Transcriptomic versus Chromosomal Prognostic Markers and Clinical Outcome in Uveal Melanoma

Lori A. Worley1, Michael D. Onken1, Erica Person1, Diane Robirds2, Julie Branson2, Devron H. Char3, Arie Perry2 and J. William Harbour1

Authors' Affiliations: Departments of 1 Ophthalmology and Visual Sciences and 2 Pathology and Immunology, Washington University, St. Louis, Missouri and 3 Tumori Foundation, San Francisco, California

Requests for reprints: J. William Harbour, Department of Ophthalmology and Visual Sciences, Washington University, 660 South Euclid Avenue, Box 8096, St. Louis, MO 63110. Phone: 314-362-3315; Fax: 314-747-5073; E-mail: harbour{at}wustl.edu.

Purpose: To compare a gene expression–based classifier versus the standard genetic prognostic marker, monosomy 3, for predicting metastasis in uveal melanoma.

Experimental Design: Gene expression profiling, fluorescence in situ hybridization (FISH), and array comparative genomic hybridization (aCGH) were done on 67 primary uveal melanomas. Clinical and pathologic prognostic factors were also assessed. Variables were analyzed by Cox proportional hazards, Kaplan-Meier analysis, sensitivity, specificity, positive and negative predictive value, and positive and negative likelihood ratios.

Results: The gene expression–based molecular classifier assigned 27 tumors to class 1 (low risk) and 25 tumors to class 2 (high risk). By Cox univariate proportional hazards, class 2 signature (P = 0.0001), advanced patient age (P = 0.01), and scleral invasion (P = 0.007) were the only variables significantly associated with metastasis. Only the class 2 signature was needed to optimize predictive accuracy in a Cox multivariate model. A less significant association with metastasis was observed for monosomy 3 detected by aCGH (P = 0.076) and FISH (P = 0.127). The sensitivity and specificity for the molecular classifier (84.6% and 92.9%, respectively) were superior to monosomy 3 detected by aCGH (58.3% and 85.7%, respectively) and FISH (50.0% and 72.7%, respectively).
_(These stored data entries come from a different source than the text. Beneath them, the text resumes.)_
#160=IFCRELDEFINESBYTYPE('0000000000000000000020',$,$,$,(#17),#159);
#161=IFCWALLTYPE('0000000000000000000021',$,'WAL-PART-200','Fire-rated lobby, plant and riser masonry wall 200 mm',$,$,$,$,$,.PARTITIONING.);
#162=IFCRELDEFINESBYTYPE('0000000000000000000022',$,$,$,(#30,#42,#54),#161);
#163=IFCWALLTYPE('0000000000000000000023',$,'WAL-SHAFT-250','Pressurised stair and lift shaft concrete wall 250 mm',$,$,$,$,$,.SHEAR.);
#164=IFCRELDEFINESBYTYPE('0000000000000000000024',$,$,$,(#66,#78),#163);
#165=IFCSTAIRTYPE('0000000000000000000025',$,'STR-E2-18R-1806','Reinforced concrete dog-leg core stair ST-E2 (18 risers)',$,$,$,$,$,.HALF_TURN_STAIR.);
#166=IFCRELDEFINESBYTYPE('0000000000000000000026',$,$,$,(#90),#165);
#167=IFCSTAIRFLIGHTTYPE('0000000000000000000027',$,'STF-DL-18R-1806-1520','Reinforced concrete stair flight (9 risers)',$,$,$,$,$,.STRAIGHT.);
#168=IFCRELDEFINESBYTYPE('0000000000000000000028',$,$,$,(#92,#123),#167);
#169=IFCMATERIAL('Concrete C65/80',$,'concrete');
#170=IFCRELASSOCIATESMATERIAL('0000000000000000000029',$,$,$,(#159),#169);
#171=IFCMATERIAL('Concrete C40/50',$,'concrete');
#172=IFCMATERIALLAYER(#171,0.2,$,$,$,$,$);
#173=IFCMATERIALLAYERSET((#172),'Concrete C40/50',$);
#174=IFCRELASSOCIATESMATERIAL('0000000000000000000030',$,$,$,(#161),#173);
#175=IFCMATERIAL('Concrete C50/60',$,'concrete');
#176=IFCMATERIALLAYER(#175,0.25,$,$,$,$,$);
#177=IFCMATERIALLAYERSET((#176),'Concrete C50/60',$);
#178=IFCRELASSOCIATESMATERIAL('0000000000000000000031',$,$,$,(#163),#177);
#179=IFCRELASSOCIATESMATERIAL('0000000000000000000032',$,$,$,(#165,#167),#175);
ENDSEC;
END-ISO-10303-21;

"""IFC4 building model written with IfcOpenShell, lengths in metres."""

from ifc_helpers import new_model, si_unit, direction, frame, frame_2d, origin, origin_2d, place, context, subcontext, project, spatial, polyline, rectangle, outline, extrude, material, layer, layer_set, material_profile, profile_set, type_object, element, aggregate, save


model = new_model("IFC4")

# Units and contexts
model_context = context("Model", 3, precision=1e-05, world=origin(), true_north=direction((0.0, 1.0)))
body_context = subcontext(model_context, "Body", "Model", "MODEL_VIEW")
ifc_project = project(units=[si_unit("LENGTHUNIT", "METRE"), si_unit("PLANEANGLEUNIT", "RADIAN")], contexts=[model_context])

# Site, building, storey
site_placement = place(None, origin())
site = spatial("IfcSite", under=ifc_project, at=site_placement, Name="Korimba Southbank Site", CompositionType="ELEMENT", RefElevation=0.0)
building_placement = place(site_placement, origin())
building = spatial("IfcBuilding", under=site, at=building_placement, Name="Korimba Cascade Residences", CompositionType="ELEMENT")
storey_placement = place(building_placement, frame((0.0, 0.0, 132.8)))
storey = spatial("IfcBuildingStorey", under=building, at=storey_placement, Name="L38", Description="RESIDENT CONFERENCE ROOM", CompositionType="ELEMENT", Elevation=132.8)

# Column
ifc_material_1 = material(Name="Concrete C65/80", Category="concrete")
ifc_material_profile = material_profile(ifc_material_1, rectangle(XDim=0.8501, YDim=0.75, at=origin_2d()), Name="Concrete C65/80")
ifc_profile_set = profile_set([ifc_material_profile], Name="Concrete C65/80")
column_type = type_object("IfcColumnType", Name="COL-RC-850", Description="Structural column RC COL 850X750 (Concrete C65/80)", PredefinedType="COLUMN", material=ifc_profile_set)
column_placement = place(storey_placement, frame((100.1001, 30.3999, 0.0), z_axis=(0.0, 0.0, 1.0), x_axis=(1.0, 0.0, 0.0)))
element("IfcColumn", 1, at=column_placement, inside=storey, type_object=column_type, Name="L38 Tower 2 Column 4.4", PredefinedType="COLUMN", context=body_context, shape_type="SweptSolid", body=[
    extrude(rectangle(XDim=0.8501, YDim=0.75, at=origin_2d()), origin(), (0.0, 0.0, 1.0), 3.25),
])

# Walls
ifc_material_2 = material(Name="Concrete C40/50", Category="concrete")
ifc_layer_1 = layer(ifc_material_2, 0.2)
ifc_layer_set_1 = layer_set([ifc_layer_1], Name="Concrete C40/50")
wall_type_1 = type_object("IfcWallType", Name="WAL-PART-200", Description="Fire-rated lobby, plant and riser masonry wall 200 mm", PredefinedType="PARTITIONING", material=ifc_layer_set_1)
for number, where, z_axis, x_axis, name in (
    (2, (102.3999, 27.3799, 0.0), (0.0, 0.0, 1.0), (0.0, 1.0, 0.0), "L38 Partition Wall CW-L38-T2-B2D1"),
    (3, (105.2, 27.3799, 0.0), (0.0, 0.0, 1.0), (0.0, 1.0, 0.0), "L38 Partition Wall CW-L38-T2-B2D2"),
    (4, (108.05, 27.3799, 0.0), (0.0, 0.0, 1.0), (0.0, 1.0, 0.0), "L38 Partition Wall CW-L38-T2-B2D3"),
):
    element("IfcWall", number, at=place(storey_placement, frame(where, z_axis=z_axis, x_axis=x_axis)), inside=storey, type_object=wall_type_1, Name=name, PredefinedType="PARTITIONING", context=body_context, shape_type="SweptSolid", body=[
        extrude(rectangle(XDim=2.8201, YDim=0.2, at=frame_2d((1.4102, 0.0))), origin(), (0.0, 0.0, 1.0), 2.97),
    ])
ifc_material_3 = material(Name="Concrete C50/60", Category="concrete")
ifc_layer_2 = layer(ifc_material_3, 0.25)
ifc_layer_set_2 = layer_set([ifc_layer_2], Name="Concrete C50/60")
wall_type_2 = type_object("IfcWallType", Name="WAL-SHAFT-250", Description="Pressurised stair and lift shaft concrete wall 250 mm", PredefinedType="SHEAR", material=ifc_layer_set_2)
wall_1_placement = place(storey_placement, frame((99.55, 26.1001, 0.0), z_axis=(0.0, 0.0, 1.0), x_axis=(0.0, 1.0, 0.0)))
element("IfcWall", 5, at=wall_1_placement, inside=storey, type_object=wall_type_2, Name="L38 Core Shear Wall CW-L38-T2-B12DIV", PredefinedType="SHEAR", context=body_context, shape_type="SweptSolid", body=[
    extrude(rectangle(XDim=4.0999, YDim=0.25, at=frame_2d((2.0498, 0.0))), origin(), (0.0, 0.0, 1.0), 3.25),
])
Positive and negative predictive values (91.7% and 86.7%, respectively) and positive and negative likelihood ratios (11.9 and 0.2, respectively) for the molecular classifier were also superior to those for monosomy 3.

Conclusions: Molecular classification based on gene expression profiling of the primary tumor was superior to monosomy 3 and clinicopathologic prognostic factors for predicting metastasis in uveal melanoma.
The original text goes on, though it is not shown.